南柒想再次出掌抵禦,可溫含嫣正驚恐地抱住她不肯撒手。腳底寒氣四溢,鋒利的劍刃帶着淩厲的攻勢刺向她,南柒閉上了眼,靜心凝神,氣沉丹田,感覺到劍鋒就要刺破她的肌膚時突然低聲一呵,刹那間真氣如暴風雪襲來,在頃刻之間炸開。淡藍色的氣流如一道光圈将刺客彈開,然而氣流太薄弱,震飛一人後南柒就受不住“哇”的一聲吐了口血。與此同時,趕上來的另一刺客放棄了追殺南柒,轉頭從側面直攻向了溫含嫣。
南柒剛拼盡全力才擋下了緻命的一劍,一時沒緩過來,眼見溫含嫣有危險,想都沒想一把将她推開,以身擋在了她的前面,正好替她擋下了這一劍。
“南柒!”
刺客的劍深深地刺入南柒的左肩膀,鮮血直流,溫含嫣吓得大叫。南柒疼得要罵人,心道這次怕是真的要把小命給玩完了,希望一會一劍穿心時來得痛快些,她可不想活活疼死。
南柒做好了必死的準備,但人仍然還擋在溫含嫣前面,刺客一劍刺偏後不甘心,緊接着立刻又是一劍刺來。這一次,南柒已是毫無還手之力。
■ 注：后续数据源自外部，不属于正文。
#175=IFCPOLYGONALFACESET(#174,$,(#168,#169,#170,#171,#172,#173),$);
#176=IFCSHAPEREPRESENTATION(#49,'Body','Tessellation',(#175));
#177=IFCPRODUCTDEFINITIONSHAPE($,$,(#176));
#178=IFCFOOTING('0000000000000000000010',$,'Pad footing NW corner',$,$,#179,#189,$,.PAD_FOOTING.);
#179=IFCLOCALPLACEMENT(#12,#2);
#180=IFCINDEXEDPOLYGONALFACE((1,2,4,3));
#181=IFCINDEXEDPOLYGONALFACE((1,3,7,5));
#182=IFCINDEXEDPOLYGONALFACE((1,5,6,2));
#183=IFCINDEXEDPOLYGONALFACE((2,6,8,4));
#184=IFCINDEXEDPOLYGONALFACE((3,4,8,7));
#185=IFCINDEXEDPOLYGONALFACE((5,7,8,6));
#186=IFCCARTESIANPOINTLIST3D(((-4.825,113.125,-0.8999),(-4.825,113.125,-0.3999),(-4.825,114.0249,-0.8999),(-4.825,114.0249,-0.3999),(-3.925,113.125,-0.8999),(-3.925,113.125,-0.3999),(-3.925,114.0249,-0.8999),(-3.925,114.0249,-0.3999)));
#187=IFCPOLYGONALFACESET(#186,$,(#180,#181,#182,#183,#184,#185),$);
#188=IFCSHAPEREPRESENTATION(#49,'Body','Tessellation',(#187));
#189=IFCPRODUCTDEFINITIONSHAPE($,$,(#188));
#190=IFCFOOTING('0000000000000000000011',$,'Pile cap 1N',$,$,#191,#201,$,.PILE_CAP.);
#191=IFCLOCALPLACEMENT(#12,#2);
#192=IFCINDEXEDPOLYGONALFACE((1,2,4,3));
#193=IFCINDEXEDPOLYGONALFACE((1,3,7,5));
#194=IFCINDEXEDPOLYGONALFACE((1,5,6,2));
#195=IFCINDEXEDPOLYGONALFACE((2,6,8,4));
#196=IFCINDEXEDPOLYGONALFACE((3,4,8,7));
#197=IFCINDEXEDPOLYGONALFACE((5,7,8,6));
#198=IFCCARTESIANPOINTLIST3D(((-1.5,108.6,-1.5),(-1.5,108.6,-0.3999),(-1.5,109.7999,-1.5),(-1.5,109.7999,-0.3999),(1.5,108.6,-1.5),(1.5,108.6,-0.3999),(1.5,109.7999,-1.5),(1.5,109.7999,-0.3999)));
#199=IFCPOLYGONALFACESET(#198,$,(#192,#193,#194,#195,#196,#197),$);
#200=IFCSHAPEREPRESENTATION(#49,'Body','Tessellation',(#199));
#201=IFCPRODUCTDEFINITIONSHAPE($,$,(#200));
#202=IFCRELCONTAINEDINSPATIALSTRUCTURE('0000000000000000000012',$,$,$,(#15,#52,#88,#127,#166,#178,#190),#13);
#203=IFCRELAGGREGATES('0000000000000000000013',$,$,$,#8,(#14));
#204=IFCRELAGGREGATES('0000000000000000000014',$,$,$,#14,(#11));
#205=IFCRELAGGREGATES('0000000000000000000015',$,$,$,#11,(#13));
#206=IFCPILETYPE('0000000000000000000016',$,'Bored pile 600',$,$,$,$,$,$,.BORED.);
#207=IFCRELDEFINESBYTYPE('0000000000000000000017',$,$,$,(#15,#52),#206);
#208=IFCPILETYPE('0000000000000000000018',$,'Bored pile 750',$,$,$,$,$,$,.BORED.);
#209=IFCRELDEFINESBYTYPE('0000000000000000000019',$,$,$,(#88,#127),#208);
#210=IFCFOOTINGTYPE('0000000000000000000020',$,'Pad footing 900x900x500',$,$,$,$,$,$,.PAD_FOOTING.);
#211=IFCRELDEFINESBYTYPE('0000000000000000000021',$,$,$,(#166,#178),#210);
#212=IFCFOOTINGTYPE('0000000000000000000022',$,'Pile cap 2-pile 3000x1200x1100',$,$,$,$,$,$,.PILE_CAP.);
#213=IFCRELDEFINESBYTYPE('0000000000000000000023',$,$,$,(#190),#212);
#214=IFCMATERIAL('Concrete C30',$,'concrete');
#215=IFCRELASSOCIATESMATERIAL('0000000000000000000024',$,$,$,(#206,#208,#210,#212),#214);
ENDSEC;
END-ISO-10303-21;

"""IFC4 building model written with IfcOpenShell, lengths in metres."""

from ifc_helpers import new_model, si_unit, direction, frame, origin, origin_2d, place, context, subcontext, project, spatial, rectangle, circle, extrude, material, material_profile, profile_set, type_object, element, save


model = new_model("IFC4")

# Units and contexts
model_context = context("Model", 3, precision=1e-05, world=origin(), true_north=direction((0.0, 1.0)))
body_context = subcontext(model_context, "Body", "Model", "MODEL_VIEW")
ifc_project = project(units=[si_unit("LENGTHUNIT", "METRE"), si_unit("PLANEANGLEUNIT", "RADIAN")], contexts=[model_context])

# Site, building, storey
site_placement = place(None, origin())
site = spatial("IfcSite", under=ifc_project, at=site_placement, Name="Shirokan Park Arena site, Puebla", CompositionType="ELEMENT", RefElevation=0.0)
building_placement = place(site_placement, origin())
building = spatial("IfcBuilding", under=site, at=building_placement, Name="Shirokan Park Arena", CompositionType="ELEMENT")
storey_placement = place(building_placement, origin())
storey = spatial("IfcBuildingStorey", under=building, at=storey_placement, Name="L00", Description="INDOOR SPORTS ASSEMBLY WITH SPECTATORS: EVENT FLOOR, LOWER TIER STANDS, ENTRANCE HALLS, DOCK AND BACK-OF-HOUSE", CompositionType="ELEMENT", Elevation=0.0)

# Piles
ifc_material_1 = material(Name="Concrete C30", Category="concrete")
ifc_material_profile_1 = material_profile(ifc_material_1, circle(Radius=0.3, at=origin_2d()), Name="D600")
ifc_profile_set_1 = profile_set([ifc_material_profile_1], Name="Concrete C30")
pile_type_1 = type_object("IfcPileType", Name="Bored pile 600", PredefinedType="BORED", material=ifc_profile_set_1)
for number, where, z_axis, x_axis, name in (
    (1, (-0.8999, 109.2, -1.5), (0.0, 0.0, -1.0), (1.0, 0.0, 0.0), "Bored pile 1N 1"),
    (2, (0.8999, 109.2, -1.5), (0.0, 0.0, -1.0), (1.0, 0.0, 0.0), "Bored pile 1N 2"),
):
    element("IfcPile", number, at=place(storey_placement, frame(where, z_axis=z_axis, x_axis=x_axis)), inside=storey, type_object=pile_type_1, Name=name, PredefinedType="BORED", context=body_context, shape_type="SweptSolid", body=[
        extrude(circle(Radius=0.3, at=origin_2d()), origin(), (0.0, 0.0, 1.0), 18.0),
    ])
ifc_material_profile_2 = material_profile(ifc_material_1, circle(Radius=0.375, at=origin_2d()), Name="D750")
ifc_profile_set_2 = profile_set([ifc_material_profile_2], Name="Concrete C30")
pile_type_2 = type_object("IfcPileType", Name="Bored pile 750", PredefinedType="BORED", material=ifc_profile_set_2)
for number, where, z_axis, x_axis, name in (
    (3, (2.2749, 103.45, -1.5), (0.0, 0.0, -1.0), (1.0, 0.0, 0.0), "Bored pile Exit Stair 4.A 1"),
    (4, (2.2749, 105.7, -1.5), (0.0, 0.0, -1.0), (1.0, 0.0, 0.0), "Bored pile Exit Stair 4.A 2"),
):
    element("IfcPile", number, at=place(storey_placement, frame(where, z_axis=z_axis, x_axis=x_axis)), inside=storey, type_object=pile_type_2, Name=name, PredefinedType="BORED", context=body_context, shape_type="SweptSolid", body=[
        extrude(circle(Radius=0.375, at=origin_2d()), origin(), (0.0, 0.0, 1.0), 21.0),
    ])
“铛”,又是一聲脆響,一陣狠辣的勁風擦着南柒的臉龐而過,南柒隻感覺到臉上一涼,有溫熱的液體流出。然後就聽到了重重的悶哼聲和溫含嫣劫後餘生般的驚哭聲。
“修遠哥哥,修遠哥哥。”
原來是燕修遠回來了,正好趕上救了她們一命。
南柒一下子虛脫地癱瘓在地,隻覺四肢麻木,止不住地輕顫,所有力氣瞬間被抽幹,已經感覺不到身體上的任何痛楚了。
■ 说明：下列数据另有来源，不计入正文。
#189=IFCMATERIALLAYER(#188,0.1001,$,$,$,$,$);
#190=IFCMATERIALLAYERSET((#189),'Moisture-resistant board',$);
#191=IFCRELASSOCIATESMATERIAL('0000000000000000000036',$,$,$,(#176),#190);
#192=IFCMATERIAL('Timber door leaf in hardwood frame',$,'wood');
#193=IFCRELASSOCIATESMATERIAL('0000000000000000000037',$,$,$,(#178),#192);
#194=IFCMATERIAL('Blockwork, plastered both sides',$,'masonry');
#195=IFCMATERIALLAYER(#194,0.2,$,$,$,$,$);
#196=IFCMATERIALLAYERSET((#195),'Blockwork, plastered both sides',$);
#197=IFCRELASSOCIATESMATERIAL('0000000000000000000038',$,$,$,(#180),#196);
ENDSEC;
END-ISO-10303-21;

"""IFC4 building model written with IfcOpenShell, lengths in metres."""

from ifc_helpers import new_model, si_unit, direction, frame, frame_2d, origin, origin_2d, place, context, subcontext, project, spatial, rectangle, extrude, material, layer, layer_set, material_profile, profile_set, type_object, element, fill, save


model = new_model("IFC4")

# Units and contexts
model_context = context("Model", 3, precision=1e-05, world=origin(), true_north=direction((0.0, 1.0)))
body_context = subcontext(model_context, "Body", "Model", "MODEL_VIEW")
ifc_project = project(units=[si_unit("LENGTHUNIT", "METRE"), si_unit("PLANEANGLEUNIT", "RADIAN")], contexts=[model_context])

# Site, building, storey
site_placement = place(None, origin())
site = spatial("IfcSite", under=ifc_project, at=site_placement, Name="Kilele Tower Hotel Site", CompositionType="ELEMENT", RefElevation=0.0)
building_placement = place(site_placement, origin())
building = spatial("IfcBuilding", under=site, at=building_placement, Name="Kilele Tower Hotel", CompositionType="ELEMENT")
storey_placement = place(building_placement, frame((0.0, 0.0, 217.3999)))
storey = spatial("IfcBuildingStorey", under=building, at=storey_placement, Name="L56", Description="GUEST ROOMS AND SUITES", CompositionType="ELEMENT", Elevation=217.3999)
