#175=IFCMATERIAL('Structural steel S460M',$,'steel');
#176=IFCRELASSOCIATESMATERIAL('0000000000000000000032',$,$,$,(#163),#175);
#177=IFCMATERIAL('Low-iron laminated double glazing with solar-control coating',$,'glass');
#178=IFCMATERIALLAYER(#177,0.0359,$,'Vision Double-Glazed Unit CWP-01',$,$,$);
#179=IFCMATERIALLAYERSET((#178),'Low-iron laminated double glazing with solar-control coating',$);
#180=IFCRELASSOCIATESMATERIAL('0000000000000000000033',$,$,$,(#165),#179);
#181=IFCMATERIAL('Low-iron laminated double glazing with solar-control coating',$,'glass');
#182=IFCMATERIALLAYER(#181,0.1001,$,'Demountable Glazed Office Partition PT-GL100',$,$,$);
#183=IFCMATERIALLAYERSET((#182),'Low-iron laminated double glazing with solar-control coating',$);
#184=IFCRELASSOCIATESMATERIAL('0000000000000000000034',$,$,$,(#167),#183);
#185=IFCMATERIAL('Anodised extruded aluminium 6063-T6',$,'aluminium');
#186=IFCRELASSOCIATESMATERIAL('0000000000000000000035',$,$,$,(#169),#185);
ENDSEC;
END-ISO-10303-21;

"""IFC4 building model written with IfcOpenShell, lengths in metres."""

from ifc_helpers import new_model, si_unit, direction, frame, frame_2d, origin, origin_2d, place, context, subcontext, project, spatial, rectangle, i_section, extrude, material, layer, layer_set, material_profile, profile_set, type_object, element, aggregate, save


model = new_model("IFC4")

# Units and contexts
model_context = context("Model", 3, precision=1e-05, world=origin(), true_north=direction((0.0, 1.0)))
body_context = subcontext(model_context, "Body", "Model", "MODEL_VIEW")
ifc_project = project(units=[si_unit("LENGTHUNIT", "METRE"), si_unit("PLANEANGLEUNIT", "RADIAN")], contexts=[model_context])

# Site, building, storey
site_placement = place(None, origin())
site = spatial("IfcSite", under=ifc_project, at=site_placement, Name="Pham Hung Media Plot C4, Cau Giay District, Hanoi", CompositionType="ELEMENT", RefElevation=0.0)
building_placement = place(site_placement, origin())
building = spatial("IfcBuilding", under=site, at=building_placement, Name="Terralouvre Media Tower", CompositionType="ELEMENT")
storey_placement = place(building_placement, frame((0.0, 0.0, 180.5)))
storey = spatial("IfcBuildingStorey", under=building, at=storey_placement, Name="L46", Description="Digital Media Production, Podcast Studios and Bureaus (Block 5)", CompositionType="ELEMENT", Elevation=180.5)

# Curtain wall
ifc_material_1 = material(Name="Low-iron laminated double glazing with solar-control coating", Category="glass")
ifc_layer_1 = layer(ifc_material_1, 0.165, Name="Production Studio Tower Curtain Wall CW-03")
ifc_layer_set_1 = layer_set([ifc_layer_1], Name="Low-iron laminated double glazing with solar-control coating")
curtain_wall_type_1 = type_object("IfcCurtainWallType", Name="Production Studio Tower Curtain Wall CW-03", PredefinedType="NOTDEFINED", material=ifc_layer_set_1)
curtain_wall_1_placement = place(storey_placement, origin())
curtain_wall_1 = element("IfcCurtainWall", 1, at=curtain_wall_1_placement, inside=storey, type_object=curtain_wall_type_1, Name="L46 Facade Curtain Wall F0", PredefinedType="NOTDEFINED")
再看那兩名刺客,想殺她們的那個被燕修遠一劍封喉,倒地氣絕身亡。脖子上一條細細的傷口,正緩緩往外滲着血,可以看出燕修遠下手之淩厲狠絕。
而另一個剛被南柒打傷的人,也被燕修遠隔空點穴給定住了手腳,但還未等他們去拷問,那人腮幫子動了下,然後就咬破了牙縫裏的毒藥,當場服毒自盡。
南柒從精神高度緊張到突然放松,整個人坐在地上大口大口地喘着精氣,一顆心都仿佛要跳出來了。到此時,南柒才真正地體會到了死亡來臨時的恐懼感。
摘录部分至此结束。